The default solrconfig.xml file should be modified in the following ways:

  • Change the maxTime value of autoSoftCommit to 10000
  • Change the maxTime value of autoCommit to 60000
  • Make sure the openSearcher value of autoCommit is set to false
  • Remove or comment out the searchComponent named “elevator” and the requestHandler named “/elevate”
  • Remove or comment out the updateRequestProcessorChain named “add-unknown-fields-to-the-schema”
  • Remove or comment out any initParams setting that make use of add-unknown-fields-to-the-schema
  • In initParams, change the value of df to internal.all. Any other df values used should also be changed to internal.all.

An example of a fully modified solrconfig.xml can be downloaded here.

Phrase Queries

You should refer to the query syntax supported by the indexing backend system that you configured with your Cordra instance.

One point is worth noting here. Queries that are placed within double quotes trigger exact match searches. However, queries without double quotes will be tokenized in a way which can sometimes be surprising. This is a side effect of the tokenization used by Lucene, Solr, and Elasticsearch.

For example, suppose you send the query /name:foo-bar to the indexer.
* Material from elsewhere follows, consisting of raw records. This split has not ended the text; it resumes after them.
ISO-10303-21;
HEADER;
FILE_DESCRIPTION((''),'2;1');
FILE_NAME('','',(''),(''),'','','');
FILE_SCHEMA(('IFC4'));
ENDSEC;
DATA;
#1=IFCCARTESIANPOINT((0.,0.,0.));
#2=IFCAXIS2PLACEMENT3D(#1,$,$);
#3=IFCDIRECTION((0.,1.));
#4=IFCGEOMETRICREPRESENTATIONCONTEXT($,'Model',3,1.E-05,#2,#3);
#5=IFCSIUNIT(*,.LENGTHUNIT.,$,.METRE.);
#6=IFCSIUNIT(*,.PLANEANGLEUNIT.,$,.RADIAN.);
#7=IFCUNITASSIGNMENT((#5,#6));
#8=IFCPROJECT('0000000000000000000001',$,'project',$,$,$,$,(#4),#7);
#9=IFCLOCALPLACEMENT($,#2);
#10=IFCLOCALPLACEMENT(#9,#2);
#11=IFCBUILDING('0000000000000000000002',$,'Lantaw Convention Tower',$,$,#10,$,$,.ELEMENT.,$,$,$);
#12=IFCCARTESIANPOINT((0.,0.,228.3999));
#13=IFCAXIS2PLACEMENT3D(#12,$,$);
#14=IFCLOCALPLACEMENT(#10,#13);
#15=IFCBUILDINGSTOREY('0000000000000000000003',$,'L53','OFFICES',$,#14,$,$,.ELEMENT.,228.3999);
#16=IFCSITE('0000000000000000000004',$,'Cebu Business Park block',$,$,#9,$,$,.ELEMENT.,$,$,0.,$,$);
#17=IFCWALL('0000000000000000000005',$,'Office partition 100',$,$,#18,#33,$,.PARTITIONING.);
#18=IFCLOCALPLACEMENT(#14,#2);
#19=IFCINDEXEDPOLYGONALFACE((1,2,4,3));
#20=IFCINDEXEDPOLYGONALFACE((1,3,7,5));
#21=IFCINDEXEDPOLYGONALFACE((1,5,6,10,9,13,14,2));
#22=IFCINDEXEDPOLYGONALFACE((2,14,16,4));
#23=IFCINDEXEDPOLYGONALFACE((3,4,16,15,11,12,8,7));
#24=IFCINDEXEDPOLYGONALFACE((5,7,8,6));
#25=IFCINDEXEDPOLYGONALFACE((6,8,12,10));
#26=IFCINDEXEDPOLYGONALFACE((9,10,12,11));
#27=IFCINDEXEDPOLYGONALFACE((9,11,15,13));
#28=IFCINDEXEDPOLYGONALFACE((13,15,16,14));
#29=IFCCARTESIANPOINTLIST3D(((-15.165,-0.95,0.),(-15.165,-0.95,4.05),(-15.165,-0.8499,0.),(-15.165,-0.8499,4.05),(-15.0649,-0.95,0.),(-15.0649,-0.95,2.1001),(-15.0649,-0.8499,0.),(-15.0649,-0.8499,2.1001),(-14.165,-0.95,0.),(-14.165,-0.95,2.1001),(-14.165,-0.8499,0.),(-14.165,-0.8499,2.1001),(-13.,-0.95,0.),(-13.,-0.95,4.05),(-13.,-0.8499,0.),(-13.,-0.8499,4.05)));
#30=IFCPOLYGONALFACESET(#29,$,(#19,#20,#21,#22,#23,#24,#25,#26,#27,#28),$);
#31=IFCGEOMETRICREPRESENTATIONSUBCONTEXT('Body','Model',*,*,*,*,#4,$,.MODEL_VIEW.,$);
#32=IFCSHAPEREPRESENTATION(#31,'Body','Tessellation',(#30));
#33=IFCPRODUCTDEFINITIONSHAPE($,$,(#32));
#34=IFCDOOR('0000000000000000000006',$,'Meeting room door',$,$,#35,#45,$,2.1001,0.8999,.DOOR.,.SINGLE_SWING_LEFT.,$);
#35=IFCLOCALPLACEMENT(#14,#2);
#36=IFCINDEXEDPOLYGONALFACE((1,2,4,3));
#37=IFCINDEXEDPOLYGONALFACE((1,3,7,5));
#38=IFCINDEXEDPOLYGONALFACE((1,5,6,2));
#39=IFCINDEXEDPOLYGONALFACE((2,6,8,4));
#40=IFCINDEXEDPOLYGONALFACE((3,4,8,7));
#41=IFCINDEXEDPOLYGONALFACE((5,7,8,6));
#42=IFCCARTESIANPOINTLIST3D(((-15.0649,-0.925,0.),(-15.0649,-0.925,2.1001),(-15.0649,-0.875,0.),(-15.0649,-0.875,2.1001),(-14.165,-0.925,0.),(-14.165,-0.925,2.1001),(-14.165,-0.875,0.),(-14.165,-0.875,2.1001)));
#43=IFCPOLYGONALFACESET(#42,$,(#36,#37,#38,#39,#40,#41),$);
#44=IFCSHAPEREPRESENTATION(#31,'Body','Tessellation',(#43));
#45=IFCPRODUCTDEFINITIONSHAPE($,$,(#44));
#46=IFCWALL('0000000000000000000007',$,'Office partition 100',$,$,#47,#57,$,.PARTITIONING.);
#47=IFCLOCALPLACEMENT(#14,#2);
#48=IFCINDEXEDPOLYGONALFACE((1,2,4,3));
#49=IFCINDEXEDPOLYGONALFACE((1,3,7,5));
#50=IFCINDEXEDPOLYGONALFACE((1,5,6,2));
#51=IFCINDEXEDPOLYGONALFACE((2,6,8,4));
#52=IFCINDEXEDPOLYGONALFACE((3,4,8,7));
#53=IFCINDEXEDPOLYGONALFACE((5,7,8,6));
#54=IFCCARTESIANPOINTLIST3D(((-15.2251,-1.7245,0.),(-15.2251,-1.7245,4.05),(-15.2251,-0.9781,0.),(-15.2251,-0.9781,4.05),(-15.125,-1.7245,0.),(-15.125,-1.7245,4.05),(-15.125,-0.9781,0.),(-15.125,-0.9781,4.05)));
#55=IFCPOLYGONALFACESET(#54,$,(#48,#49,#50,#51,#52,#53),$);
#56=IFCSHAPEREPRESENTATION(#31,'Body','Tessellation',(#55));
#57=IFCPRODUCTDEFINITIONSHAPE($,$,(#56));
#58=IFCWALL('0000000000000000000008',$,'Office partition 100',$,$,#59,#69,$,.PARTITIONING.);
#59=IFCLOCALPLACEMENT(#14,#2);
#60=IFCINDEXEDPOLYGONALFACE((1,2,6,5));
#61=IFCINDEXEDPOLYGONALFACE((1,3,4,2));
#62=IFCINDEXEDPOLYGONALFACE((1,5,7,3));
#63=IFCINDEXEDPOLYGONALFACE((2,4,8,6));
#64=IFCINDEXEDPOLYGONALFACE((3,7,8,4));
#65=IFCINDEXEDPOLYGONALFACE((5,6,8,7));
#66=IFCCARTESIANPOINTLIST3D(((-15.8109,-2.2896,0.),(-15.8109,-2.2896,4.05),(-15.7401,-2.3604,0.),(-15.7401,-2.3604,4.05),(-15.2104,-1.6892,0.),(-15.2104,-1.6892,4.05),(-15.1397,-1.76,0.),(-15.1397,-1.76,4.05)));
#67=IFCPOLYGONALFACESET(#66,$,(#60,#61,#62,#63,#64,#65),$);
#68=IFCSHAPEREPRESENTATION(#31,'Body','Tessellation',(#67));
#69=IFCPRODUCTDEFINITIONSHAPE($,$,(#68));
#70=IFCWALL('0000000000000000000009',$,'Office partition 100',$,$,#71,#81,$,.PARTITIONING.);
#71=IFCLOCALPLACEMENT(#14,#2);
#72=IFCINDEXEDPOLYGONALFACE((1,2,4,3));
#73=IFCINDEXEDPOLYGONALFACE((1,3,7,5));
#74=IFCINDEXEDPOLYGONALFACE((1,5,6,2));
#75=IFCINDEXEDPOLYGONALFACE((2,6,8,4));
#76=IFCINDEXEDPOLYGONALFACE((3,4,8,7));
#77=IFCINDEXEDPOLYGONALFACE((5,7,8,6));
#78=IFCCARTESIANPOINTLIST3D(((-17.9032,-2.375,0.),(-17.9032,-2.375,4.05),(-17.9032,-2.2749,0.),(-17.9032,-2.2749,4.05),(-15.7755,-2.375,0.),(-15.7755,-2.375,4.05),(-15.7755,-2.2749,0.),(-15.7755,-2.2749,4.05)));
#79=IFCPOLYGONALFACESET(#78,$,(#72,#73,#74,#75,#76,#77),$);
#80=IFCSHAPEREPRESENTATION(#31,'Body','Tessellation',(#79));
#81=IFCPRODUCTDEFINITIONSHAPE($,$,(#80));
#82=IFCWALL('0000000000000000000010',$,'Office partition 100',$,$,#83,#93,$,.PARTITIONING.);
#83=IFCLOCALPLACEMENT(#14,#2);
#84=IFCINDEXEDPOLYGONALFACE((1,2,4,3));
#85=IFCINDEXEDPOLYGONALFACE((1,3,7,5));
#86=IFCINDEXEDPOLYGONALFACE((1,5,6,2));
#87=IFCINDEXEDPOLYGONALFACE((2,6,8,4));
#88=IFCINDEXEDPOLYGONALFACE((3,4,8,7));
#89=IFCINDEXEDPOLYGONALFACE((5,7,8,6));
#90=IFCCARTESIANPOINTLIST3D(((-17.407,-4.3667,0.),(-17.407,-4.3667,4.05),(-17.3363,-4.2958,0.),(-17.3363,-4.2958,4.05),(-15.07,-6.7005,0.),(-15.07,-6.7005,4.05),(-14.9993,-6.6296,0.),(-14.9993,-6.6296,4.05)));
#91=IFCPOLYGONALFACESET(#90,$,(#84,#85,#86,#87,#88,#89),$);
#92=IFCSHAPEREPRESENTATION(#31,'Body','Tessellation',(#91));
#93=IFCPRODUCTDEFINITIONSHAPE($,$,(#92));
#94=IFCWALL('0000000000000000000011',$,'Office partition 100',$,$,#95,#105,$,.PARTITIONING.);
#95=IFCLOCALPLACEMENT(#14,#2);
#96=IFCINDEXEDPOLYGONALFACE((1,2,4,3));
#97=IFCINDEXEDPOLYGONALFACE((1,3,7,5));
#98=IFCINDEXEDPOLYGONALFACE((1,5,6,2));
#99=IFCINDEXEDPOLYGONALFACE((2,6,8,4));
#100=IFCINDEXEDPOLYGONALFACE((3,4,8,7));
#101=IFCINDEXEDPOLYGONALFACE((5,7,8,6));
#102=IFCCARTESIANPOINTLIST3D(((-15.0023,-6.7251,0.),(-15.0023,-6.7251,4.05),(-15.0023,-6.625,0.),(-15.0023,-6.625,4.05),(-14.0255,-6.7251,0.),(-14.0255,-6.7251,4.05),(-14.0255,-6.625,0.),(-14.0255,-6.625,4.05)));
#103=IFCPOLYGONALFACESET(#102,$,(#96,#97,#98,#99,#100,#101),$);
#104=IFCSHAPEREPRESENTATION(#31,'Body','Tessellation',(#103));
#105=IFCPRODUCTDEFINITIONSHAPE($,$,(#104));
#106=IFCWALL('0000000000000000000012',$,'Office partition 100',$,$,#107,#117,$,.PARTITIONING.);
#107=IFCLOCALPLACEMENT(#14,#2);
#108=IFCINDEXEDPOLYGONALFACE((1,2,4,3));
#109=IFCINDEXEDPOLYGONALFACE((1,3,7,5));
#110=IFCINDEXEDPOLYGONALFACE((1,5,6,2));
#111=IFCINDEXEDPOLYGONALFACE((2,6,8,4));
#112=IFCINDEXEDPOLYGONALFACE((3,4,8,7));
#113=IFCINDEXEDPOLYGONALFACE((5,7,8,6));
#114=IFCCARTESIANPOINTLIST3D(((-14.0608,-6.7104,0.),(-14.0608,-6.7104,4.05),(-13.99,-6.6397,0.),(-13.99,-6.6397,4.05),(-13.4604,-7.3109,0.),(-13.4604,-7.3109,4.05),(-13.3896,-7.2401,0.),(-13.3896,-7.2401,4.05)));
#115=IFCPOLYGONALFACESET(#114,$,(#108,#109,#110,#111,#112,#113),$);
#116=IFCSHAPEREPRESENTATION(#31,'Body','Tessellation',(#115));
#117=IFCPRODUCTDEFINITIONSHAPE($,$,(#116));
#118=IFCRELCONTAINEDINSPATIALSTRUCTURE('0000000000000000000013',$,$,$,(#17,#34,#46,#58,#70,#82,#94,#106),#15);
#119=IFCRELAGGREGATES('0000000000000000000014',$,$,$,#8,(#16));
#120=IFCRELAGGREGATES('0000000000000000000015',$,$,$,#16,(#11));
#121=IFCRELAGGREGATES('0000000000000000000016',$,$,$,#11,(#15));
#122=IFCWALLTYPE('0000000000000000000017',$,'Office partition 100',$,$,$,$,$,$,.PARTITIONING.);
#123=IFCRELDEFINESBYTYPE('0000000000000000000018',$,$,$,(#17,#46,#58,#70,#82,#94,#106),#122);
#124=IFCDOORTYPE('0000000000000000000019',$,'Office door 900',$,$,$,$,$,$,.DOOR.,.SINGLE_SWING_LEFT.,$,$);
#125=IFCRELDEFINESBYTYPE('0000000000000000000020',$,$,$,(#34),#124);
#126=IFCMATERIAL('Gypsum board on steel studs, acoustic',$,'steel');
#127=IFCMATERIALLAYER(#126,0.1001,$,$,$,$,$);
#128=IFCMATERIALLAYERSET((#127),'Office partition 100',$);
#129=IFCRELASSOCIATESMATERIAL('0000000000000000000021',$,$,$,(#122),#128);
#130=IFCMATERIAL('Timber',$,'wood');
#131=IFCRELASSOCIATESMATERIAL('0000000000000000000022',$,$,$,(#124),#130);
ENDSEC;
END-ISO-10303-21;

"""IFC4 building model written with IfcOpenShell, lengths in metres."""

from ifc_helpers import new_model, si_unit, direction, frame, frame_2d, origin, place, context, subcontext, project, spatial, rectangle, extrude, material, layer, layer_set, type_object, element, fill, save


model = new_model("IFC4")

# Units and contexts
model_context = context("Model", 3, precision=1e-05, world=origin(), true_north=direction((0.0, 1.0)))
body_context = subcontext(model_context, "Body", "Model", "MODEL_VIEW")
ifc_project = project(units=[si_unit("LENGTHUNIT", "METRE"), si_unit("PLANEANGLEUNIT", "RADIAN")], contexts=[model_context])

# Site, building, storey
site_placement = place(None, origin())
site = spatial("IfcSite", under=ifc_project, at=site_placement, Name="Cebu Business Park block", CompositionType="ELEMENT", RefElevation=0.0)
building_placement = place(site_placement, origin())
building = spatial("IfcBuilding", under=site, at=building_placement, Name="Lantaw Convention Tower", CompositionType="ELEMENT")
storey_placement = place(building_placement, frame((0.0, 0.0, 228.3999)))
storey = spatial("IfcBuildingStorey", under=building, at=storey_placement, Name="L53", Description="OFFICES", CompositionType="ELEMENT", Elevation=228.3999)

# Shared definitions
ifc_material_1 = material(Name="Gypsum board on steel studs, acoustic", Category="steel")
ifc_layer_1 = layer(ifc_material_1, 0.1001)
ifc_layer_set_1 = layer_set([ifc_layer_1], Name="Office partition 100")
wall_type_1 = type_object("IfcWallType", Name="Office partition 100", PredefinedType="PARTITIONING", material=ifc_layer_set_1)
The value is tokenized and treated as an OR statement. The query becomes /name:(foo bar), which will match items with the name foo, bar, foo-bar, and bar-foo. However, with double quotes, the query is turned into a phrase query, /name:"foo-bar", which will only match items with the name “foo-bar”.

In general, you should ensure that double quotes are used when a search might result in multiple tokens and only matches of the entire phrase are desired.